Embarcado en el monumental proyecto de Shoah (1985) -el celebérrimo documental que en algo menos de diez horas recoge decenas de testimonios y pone con ellos rostro a los recuerdos de víctimas y verdugos del Holocausto-, Lanzmann consiguió acceder al en principio reacio Murmelstein casi nada más comenzar su trabajo de campo. Aquel material nunca llegó a incluirse en Shoah,Shoah y ha permanecido durante décadas en la oscuridad de sus archivos. Se intuye concebido El último de los injustos como apéndice de su obra mayor, a la manera de otras de sus películas posteriores como Sobibor (2001) o El informe Karski El informe Karski(2011). Vista la rareza de la entrevista, la sagacidad del entrevistado y la fascinación que por él parece sentir el entrevistador, súmese a esto el trasfondo de lo revelado, parece lógico e incluso necesario que haya contado con su propio espacio de desarrollo.

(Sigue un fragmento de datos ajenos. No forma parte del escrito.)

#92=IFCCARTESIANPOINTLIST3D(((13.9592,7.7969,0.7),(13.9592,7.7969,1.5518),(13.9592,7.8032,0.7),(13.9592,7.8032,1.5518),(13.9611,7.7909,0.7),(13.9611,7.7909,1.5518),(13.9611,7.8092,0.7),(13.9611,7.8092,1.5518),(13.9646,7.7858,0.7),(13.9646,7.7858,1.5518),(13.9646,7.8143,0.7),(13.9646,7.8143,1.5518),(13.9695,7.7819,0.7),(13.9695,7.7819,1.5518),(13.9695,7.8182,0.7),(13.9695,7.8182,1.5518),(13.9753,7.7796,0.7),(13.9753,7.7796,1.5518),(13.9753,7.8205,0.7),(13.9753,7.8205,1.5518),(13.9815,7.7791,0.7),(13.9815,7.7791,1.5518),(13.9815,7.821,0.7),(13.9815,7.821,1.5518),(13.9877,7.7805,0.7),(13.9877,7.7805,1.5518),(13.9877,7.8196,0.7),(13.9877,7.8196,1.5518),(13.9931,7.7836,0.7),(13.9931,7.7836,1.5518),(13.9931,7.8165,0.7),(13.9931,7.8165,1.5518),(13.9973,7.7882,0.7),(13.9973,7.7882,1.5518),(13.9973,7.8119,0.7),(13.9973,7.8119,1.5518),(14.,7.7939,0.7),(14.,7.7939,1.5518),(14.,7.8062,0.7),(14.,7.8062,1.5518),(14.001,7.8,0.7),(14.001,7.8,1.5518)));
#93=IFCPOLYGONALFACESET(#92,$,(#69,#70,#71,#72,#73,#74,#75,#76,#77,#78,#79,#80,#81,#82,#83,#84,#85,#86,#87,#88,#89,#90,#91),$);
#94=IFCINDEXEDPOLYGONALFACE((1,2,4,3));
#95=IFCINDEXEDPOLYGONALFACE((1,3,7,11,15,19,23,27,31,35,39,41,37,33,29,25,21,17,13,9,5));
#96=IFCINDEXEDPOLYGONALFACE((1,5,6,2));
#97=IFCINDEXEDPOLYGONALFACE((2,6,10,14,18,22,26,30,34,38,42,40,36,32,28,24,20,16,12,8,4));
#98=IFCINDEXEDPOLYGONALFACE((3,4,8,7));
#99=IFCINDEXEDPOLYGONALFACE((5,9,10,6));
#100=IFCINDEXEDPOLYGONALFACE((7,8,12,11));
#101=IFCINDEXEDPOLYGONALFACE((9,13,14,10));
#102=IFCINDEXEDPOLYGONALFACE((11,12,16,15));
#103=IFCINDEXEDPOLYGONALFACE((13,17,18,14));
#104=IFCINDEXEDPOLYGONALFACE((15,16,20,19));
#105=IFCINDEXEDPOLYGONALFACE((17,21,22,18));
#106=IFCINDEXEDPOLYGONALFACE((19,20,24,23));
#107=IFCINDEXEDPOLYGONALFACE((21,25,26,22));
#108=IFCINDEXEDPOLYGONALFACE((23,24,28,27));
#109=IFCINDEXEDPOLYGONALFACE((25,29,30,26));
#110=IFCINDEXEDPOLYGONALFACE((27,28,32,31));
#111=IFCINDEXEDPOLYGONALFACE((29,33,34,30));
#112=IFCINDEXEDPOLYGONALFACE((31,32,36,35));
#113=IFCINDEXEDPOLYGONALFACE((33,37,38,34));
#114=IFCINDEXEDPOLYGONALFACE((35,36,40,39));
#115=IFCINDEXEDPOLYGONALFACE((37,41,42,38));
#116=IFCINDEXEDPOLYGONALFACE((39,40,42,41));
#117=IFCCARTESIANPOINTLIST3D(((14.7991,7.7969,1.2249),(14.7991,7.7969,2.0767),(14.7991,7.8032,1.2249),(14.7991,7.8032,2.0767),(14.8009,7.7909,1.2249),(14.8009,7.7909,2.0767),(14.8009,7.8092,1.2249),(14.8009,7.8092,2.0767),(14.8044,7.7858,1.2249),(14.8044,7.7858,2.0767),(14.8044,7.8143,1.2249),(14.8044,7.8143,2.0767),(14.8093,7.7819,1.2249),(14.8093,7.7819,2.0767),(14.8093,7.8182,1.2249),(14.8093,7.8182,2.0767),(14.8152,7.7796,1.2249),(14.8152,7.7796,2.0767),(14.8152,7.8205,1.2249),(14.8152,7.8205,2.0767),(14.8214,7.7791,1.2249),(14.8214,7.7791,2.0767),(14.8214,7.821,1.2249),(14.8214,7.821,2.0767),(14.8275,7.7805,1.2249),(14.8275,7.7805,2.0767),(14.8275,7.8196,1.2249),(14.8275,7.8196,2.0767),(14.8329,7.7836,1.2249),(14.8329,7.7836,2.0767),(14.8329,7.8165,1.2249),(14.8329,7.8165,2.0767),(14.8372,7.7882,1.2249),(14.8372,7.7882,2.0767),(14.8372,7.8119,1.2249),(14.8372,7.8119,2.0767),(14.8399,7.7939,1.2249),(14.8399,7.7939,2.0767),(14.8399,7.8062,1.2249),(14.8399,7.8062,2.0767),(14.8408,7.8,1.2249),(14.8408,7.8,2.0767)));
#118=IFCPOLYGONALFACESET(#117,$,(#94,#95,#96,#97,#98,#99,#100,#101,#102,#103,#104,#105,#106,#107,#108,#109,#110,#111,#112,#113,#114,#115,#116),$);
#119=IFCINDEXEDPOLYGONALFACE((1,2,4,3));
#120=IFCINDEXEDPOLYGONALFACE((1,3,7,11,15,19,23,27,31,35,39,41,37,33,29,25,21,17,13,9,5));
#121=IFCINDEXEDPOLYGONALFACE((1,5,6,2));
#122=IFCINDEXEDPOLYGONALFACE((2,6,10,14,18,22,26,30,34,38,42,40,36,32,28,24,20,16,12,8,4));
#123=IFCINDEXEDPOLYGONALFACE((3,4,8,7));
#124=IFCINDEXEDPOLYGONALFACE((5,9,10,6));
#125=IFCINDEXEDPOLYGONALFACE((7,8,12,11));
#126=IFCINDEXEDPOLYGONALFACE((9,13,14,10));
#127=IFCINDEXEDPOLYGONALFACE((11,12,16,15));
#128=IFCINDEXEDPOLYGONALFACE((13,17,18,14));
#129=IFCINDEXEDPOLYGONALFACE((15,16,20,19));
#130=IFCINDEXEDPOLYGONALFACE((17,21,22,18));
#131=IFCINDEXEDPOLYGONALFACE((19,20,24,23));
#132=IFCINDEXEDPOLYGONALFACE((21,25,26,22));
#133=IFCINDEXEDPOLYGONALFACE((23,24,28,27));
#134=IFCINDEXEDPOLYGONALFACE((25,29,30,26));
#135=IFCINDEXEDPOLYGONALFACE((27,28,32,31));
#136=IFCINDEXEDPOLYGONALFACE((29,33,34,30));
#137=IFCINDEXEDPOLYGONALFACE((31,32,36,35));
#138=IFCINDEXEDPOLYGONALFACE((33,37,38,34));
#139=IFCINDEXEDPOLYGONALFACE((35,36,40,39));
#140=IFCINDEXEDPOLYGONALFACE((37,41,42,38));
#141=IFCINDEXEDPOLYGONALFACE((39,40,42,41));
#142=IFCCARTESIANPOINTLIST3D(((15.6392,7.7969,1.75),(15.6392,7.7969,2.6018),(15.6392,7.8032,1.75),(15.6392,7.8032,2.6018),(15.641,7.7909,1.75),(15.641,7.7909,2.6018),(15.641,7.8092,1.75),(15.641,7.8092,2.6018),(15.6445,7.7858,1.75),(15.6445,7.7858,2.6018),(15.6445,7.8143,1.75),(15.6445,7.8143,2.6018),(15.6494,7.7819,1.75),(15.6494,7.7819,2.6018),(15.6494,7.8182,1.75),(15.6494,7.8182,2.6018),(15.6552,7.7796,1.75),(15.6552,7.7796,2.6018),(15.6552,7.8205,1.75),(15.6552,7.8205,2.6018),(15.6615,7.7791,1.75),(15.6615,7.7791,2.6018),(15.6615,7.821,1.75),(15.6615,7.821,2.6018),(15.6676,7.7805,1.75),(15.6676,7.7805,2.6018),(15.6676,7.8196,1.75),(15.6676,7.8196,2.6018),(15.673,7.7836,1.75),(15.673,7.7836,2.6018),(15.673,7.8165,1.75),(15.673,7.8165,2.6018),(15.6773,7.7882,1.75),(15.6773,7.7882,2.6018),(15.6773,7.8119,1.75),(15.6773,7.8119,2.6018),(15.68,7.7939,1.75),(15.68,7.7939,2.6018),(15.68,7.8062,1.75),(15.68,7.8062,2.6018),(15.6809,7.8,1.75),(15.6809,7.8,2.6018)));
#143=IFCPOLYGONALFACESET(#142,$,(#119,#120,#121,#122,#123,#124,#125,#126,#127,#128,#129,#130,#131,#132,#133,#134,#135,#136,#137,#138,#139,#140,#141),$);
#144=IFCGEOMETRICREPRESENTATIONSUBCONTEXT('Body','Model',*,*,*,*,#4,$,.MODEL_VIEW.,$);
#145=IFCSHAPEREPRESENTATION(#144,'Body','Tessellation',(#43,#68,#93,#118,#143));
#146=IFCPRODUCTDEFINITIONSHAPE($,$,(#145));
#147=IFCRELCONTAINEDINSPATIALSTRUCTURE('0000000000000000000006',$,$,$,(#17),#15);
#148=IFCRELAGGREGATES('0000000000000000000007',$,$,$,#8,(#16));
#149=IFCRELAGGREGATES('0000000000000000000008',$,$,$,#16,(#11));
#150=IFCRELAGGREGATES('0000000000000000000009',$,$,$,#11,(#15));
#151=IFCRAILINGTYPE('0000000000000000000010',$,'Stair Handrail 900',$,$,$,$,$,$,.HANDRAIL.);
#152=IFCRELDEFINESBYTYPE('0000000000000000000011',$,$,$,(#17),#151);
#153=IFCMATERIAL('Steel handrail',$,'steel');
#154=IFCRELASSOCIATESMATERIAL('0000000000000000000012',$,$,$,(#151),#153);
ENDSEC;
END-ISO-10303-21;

En un estado de indefinición entre la figura del redentor y la del ejecutor, en ese limbo entre la luz y la sombra que parece atraer irremediablemente a Lanzmann a la hora de localizar a sus personajes, Murmelstein da testimonio desde su exilio romano de su papel como último en el tiempo y único superviviente de los tres líderes de aquel campo de concentración levantado a pocas decenas de kilómetros de Praga. Tras presiones del gobierno danés, ya que cientos de judíos de aquel país fueron allí recluidos, el enclave fue elegido por los nazis como escenario en el que representar la patética función de la propaganda.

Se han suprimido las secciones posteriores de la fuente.